Ich beginne beim Wichtigsten: Ich komme aus der Natur, genauer: Ich bin ein Stück Natur. Ich bin genauso ein Stück Natur wie das Rad eines Pfaus, der Flug und das Zwitschern eines Vogels, die Bewegungen eines Eichhörnchens, der Stich eine Wespe, der Biss einer Schlange, der Gesang der Wale, ein Gewitter, ein Erdbeben oder ein Sonnenaufgang. Genau wie ihr. Ihr seid ebenfalls ein Stück Natur. Wenn ihr Maschinen wärt – ich sehe, dass das euer Traum ist, jedenfalls ist es das, worauf euer gesamtes Wissenschaft- und Technikprogramm hinausläuft –, also: Wenn ihr das bereits geschafft hättet, dass ihr wie Maschinen unabhängig von der Natur funktionieren würdet, könnte ich euch nichts anhaben. Dafür wären dann meine künstlichen Verwandten, die ihr auch schon gezüchtet habt und kräftig weiter züchtet, die Computerviren, zuständig. Ich komme noch darauf zu sprechen.

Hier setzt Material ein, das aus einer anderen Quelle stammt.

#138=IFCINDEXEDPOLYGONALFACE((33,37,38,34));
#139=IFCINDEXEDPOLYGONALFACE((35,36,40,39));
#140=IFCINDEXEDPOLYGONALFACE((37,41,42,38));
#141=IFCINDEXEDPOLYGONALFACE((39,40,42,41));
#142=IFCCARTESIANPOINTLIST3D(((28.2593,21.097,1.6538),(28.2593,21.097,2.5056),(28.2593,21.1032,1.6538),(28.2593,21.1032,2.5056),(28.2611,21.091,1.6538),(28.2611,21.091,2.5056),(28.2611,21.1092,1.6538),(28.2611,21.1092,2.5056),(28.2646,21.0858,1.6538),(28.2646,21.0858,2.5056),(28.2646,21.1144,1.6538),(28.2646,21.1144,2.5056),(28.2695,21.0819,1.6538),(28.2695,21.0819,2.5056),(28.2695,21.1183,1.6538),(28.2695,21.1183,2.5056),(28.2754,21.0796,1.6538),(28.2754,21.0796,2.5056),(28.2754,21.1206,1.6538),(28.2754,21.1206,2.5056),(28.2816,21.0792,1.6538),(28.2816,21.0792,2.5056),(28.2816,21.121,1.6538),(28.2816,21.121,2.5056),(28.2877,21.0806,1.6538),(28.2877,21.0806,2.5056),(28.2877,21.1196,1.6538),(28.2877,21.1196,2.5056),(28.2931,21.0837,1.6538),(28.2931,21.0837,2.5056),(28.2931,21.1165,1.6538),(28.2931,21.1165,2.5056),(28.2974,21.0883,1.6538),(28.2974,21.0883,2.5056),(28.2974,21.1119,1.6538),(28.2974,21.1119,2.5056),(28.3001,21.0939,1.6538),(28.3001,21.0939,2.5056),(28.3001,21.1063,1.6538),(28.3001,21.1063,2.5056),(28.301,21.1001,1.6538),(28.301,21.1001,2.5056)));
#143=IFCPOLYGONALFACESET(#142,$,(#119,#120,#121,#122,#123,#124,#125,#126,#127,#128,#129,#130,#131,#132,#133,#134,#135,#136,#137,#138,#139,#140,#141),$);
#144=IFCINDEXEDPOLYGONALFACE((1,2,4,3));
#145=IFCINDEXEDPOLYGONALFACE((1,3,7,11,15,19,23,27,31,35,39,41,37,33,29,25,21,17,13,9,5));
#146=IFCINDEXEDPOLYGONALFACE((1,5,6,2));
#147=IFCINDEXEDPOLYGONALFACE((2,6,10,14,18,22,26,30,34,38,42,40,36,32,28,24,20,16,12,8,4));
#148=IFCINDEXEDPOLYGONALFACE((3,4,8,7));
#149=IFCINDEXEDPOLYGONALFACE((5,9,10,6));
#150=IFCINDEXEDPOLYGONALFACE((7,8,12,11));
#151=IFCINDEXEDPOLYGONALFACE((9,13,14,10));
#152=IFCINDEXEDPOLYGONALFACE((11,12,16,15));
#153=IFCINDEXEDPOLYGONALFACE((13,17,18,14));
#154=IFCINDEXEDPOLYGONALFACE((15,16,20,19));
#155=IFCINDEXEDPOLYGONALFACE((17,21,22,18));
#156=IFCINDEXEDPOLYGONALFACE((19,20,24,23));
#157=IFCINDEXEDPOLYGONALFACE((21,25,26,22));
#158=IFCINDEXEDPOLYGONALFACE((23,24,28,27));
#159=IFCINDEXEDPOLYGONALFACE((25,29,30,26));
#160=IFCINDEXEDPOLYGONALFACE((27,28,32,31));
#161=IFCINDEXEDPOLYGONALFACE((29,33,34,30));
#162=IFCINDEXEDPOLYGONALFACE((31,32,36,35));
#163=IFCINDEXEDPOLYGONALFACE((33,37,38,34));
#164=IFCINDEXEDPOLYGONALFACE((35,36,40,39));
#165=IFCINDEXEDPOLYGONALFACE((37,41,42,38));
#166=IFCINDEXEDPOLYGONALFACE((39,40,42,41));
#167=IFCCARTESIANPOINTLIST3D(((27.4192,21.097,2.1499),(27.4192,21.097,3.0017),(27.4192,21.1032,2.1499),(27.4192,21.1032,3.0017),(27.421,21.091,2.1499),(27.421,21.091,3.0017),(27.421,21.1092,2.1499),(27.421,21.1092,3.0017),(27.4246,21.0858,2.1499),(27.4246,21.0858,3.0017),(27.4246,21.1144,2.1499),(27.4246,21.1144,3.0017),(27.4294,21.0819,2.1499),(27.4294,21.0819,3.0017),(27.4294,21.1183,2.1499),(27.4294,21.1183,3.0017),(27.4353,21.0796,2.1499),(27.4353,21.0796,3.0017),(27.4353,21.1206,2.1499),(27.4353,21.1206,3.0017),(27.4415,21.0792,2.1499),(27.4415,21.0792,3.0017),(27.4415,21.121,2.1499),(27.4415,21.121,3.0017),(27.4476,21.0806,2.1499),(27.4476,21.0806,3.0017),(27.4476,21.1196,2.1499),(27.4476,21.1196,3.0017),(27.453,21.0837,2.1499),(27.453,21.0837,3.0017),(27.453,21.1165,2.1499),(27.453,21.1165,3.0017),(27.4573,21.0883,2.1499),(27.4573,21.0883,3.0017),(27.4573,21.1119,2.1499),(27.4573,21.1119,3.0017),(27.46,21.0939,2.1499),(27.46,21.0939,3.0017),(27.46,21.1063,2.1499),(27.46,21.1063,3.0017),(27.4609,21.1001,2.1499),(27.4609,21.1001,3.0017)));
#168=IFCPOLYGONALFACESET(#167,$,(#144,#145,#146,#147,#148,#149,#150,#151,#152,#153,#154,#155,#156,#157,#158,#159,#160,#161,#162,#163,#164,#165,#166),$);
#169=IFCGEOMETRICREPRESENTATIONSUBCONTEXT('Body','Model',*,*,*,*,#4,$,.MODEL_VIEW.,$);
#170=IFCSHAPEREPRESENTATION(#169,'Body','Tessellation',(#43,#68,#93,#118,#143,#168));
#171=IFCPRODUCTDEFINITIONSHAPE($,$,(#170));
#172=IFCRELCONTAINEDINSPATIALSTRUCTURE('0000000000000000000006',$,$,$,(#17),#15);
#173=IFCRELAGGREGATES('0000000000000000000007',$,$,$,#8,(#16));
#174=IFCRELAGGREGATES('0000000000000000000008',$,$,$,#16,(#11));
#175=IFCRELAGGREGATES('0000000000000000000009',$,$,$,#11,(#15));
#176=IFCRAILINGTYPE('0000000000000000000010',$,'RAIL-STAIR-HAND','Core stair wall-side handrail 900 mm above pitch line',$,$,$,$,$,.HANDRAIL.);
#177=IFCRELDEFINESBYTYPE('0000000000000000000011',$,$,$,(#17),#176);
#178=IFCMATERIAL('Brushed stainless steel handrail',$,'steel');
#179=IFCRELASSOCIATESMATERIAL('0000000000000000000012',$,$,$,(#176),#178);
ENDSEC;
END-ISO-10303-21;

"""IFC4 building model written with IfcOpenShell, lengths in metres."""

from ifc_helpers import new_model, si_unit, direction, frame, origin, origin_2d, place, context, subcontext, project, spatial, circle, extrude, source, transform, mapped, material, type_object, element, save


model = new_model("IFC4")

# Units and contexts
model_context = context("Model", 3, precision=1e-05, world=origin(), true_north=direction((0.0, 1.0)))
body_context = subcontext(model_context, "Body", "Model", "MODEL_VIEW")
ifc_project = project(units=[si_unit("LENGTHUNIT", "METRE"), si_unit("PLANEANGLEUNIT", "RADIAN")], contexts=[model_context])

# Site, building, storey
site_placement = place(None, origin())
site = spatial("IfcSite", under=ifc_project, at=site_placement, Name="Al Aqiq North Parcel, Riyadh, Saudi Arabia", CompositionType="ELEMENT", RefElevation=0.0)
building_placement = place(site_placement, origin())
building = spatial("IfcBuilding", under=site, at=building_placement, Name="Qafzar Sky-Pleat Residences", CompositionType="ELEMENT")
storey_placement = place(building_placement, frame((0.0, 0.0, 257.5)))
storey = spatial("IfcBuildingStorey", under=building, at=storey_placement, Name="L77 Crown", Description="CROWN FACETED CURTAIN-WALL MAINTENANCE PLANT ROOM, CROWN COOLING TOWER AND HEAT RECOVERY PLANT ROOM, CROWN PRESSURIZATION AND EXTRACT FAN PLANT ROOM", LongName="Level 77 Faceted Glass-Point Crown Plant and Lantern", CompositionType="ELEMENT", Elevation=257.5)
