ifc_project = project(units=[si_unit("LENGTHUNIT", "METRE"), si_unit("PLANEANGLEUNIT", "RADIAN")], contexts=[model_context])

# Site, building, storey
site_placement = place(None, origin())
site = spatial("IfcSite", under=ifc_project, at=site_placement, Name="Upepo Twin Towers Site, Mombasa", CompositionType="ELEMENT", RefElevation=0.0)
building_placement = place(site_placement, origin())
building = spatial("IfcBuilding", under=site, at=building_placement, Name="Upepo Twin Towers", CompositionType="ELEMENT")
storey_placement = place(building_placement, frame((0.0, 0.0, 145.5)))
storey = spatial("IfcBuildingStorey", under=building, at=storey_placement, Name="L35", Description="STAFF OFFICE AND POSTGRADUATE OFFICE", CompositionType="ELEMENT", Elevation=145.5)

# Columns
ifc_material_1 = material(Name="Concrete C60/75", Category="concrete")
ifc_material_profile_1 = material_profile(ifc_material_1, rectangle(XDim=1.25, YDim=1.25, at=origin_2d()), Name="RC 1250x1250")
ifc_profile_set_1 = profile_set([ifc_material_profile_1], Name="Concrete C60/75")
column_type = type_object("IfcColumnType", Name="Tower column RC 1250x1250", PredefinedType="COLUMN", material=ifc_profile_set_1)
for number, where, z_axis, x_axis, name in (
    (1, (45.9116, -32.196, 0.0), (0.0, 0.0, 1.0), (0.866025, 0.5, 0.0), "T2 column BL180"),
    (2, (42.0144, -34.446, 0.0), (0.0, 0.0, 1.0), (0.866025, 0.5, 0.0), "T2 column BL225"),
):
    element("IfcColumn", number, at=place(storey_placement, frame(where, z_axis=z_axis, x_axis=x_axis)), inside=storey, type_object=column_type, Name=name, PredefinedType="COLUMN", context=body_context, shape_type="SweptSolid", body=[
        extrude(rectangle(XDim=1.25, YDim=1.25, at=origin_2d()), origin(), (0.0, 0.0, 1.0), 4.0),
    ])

Ich bin ein richtiges, ein natürliches Virus, ich bin so alt wie die Welt, und ich werde existieren, solange die Welt existiert. Das könnt und werdet ihr nicht ändern, auch dann nicht, wenn ihr der Aufforderung von Bill Gates folgt, eure Impfstoffe bis ins letzte, entlegenste Dorf der Erde zu bringen, um mich, wie er sagt, komplett »auszurotten«. Bis ihr dort seid, habe ich mich schon längst wieder verwandelt. Ich war sogar schon vor eurer Erde da, manche von euch sagen, wir seien bereits in der Ursuppe geschwommen. Ob das nun stimmt oder nicht: Ich gehöre genauso zur Erde wie ihr.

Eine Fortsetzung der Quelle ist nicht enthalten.